How big are the drawdowns under the new regulatory regime?

This is where the IB model introduces a specific risk that algorithmic traders need to understand. An FCM absorbs the financial risk if a client fails to meet a margin call. That means the FCM has strong incentives to liquidate positions aggressively during volatile markets. When we ran our bot through a prop firm using an IB-FCM structure, the margin call handling was noticeably different from a direct brokerage account.

In one test during a 2% intraday drop in the E-mini S&P, our bot's trailing stop logic was overridden by the FCM's risk engine. The FCM liquidated positions 12 ticks before our stop would have triggered. That is a 12-tick performance gap that no backtest captures. The strategy specification said "trailing stop at 1.5 ATR" — but the FCM's risk system did not recognize that instruction.

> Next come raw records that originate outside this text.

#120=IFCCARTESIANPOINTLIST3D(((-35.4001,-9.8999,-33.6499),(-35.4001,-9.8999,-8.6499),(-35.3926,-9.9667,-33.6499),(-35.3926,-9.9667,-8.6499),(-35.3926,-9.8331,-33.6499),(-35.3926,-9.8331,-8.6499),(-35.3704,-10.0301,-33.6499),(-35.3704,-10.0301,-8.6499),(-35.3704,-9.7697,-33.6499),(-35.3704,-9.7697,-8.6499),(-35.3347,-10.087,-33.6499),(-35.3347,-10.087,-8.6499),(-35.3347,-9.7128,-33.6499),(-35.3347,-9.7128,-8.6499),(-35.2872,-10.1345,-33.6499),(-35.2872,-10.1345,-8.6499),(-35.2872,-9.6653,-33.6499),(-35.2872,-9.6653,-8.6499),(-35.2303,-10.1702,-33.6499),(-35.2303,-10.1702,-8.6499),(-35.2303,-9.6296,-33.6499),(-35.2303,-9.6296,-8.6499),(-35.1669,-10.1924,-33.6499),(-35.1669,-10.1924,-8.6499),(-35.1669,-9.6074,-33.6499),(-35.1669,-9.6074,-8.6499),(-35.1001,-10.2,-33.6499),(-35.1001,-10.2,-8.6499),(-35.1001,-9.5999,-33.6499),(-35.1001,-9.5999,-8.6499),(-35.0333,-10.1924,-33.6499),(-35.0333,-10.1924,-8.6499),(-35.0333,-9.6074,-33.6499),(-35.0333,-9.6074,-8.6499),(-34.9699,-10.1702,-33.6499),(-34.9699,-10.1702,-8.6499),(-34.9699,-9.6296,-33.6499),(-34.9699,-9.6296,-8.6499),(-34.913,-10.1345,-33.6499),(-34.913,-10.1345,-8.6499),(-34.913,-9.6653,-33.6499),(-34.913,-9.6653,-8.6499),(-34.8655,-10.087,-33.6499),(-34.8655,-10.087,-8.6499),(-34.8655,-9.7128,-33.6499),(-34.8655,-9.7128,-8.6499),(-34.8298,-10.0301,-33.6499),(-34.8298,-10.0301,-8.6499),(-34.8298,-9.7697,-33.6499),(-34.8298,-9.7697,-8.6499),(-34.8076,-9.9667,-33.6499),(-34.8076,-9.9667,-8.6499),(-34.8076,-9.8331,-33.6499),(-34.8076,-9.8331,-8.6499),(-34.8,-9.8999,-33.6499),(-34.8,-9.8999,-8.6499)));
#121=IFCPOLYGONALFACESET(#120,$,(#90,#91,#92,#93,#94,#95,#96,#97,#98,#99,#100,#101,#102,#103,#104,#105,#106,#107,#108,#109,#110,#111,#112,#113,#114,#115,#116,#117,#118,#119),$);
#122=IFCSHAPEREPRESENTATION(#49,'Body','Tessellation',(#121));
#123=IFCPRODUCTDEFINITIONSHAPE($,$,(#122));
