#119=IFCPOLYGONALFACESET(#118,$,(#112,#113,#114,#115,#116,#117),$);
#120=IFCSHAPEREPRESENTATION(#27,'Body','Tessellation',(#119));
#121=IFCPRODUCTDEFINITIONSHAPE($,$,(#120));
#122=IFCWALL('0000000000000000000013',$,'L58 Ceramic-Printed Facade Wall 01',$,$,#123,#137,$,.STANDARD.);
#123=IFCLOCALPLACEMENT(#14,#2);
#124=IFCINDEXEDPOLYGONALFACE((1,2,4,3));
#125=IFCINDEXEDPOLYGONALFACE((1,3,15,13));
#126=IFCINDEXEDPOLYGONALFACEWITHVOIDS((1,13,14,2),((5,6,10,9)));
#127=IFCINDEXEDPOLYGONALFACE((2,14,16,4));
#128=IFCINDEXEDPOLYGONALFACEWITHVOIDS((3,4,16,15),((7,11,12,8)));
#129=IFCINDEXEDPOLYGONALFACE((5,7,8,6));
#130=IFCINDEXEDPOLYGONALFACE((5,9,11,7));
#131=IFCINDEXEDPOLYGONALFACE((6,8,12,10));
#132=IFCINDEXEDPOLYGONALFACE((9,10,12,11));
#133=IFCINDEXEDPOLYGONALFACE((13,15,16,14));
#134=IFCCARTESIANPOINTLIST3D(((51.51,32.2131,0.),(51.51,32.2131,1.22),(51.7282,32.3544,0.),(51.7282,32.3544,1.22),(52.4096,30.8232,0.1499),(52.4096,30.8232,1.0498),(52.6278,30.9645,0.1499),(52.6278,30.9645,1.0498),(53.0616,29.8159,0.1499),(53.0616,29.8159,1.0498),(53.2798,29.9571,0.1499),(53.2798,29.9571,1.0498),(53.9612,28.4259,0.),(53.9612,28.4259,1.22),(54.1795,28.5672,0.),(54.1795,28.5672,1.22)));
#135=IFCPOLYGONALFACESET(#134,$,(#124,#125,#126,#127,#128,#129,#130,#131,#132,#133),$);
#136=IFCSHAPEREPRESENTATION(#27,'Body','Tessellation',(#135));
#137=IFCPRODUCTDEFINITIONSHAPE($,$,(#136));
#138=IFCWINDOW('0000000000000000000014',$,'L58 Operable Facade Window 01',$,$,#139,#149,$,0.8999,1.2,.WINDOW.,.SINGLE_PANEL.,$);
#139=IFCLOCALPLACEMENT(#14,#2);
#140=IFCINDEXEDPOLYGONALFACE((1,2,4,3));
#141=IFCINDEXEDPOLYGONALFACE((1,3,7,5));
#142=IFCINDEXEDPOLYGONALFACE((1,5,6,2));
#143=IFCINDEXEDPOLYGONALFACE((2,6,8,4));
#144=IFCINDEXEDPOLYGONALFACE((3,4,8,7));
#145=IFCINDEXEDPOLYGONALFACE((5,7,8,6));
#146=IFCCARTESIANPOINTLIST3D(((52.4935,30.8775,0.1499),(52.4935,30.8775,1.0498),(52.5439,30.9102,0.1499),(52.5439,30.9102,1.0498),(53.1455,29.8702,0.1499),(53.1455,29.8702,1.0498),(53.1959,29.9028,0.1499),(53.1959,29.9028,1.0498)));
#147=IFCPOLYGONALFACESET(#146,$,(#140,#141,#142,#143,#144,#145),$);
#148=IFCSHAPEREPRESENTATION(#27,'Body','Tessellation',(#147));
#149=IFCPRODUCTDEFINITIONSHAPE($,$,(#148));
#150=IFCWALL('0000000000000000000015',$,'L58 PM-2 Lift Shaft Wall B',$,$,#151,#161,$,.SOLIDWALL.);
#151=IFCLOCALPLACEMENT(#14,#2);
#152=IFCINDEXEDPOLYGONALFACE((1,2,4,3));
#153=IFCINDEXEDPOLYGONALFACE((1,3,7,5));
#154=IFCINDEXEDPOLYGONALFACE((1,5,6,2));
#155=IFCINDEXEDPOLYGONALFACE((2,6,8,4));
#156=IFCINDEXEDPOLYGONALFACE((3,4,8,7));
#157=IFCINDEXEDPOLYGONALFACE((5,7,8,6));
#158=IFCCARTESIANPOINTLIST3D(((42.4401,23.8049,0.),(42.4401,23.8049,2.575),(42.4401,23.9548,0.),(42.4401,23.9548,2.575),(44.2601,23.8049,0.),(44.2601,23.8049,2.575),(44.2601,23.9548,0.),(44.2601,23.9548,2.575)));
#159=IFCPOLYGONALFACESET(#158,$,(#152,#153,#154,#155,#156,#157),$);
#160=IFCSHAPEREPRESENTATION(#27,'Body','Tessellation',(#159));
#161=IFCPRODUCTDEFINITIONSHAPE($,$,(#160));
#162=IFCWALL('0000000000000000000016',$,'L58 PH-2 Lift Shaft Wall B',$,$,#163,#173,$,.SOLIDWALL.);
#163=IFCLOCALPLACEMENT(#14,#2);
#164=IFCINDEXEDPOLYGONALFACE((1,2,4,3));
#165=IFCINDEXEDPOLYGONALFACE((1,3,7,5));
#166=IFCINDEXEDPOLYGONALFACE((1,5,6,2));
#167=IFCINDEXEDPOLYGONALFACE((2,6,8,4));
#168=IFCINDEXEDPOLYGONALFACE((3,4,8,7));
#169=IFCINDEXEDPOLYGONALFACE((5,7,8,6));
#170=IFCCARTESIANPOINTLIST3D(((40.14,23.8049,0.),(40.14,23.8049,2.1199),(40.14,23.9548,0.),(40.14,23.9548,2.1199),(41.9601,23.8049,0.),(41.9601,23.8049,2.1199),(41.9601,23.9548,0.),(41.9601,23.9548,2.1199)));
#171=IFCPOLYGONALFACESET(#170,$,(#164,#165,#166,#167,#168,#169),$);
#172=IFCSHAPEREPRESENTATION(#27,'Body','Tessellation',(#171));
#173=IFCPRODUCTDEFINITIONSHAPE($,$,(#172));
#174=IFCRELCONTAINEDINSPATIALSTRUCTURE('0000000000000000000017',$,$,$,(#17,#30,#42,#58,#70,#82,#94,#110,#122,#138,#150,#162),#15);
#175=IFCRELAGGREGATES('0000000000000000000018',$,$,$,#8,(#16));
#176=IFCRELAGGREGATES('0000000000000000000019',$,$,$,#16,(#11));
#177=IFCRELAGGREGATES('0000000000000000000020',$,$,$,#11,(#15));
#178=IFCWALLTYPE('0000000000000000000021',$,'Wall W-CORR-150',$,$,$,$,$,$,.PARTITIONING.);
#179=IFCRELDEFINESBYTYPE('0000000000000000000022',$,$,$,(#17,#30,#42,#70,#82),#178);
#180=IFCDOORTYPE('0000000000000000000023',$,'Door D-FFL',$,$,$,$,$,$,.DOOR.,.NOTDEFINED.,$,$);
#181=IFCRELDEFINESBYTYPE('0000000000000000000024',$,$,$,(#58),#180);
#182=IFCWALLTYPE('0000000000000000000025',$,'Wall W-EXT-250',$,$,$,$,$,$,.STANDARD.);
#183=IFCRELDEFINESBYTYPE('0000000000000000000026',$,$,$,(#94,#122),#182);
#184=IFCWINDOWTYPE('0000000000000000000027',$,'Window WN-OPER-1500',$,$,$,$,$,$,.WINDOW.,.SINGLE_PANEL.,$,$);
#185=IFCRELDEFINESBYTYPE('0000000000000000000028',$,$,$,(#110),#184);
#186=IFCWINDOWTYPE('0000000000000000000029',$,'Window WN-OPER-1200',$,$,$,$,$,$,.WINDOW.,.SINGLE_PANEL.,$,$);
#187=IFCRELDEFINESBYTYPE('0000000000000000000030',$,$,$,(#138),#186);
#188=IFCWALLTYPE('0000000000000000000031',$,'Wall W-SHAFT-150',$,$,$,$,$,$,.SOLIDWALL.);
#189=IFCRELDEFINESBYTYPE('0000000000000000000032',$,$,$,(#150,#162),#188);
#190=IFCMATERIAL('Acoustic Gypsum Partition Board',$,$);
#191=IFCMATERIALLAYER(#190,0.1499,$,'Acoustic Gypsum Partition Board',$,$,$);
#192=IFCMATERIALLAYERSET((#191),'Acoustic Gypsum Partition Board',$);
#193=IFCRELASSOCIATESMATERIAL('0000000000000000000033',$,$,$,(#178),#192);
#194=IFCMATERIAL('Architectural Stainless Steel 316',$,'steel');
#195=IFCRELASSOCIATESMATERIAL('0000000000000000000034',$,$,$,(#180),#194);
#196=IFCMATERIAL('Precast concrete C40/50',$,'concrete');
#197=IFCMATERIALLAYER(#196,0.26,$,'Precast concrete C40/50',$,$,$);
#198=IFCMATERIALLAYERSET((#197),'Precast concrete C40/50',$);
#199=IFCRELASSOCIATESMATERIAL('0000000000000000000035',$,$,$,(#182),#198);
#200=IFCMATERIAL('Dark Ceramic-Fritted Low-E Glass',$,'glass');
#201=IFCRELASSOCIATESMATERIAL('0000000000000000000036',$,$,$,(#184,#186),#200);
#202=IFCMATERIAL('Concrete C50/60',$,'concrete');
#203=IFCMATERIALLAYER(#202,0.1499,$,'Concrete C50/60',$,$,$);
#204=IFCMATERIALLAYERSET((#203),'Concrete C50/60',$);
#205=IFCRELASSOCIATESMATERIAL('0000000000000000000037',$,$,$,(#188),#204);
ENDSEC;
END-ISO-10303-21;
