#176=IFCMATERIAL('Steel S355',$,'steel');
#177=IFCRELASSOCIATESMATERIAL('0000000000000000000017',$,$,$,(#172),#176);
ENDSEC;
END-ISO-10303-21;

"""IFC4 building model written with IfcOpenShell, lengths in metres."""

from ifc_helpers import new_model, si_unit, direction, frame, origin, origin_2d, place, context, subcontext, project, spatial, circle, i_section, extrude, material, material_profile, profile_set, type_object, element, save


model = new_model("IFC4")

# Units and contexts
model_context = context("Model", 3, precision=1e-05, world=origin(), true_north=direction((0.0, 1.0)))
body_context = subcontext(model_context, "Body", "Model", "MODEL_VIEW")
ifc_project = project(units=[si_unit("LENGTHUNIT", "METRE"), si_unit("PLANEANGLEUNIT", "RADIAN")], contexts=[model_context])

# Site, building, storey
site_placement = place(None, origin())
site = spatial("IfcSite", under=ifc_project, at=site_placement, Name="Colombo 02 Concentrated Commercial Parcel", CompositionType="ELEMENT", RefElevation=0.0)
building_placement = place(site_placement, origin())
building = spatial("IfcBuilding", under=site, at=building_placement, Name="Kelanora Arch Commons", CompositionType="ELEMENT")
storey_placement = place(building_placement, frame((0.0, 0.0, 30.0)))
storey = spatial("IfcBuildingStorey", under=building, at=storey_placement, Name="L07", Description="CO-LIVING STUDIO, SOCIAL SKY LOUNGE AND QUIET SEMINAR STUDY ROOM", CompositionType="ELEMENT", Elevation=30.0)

Fee schedule and how it interacts with bot economics

The IB revenue model is commission-based, typically per-lot or volume-based fees. For algorithmic traders running high-frequency strategies, this creates a direct cost impact. Every additional routing hop through an IB adds latency and potentially increases commission costs.

Fee Component Direct Brokerage Account IB-Model Prop Firm FCM-Direct Prop Firm
Commission per lot (futures) $2.50 - $4.00 $4.50 - $7.00 (IB + FCM split) $3.00 - $5.00
Platform access fee $0 - $30/month $50 - $150/month (includes evaluation) $30 - $80/month
Withdrawal fee $0 - $25 $25 - $50 (plus evaluation profit split) $15 - $35
Profit split on funded account N/A 70-80% to trader 80-90% to trader

The data shows that the IB-model prop firms tend to have higher per-lot costs because both the IB and the FCM take a cut. For a bot that trades 50 lots per day, that difference adds up quickly. Verify with the bot provider whether their strategy accounts for these cost differentials.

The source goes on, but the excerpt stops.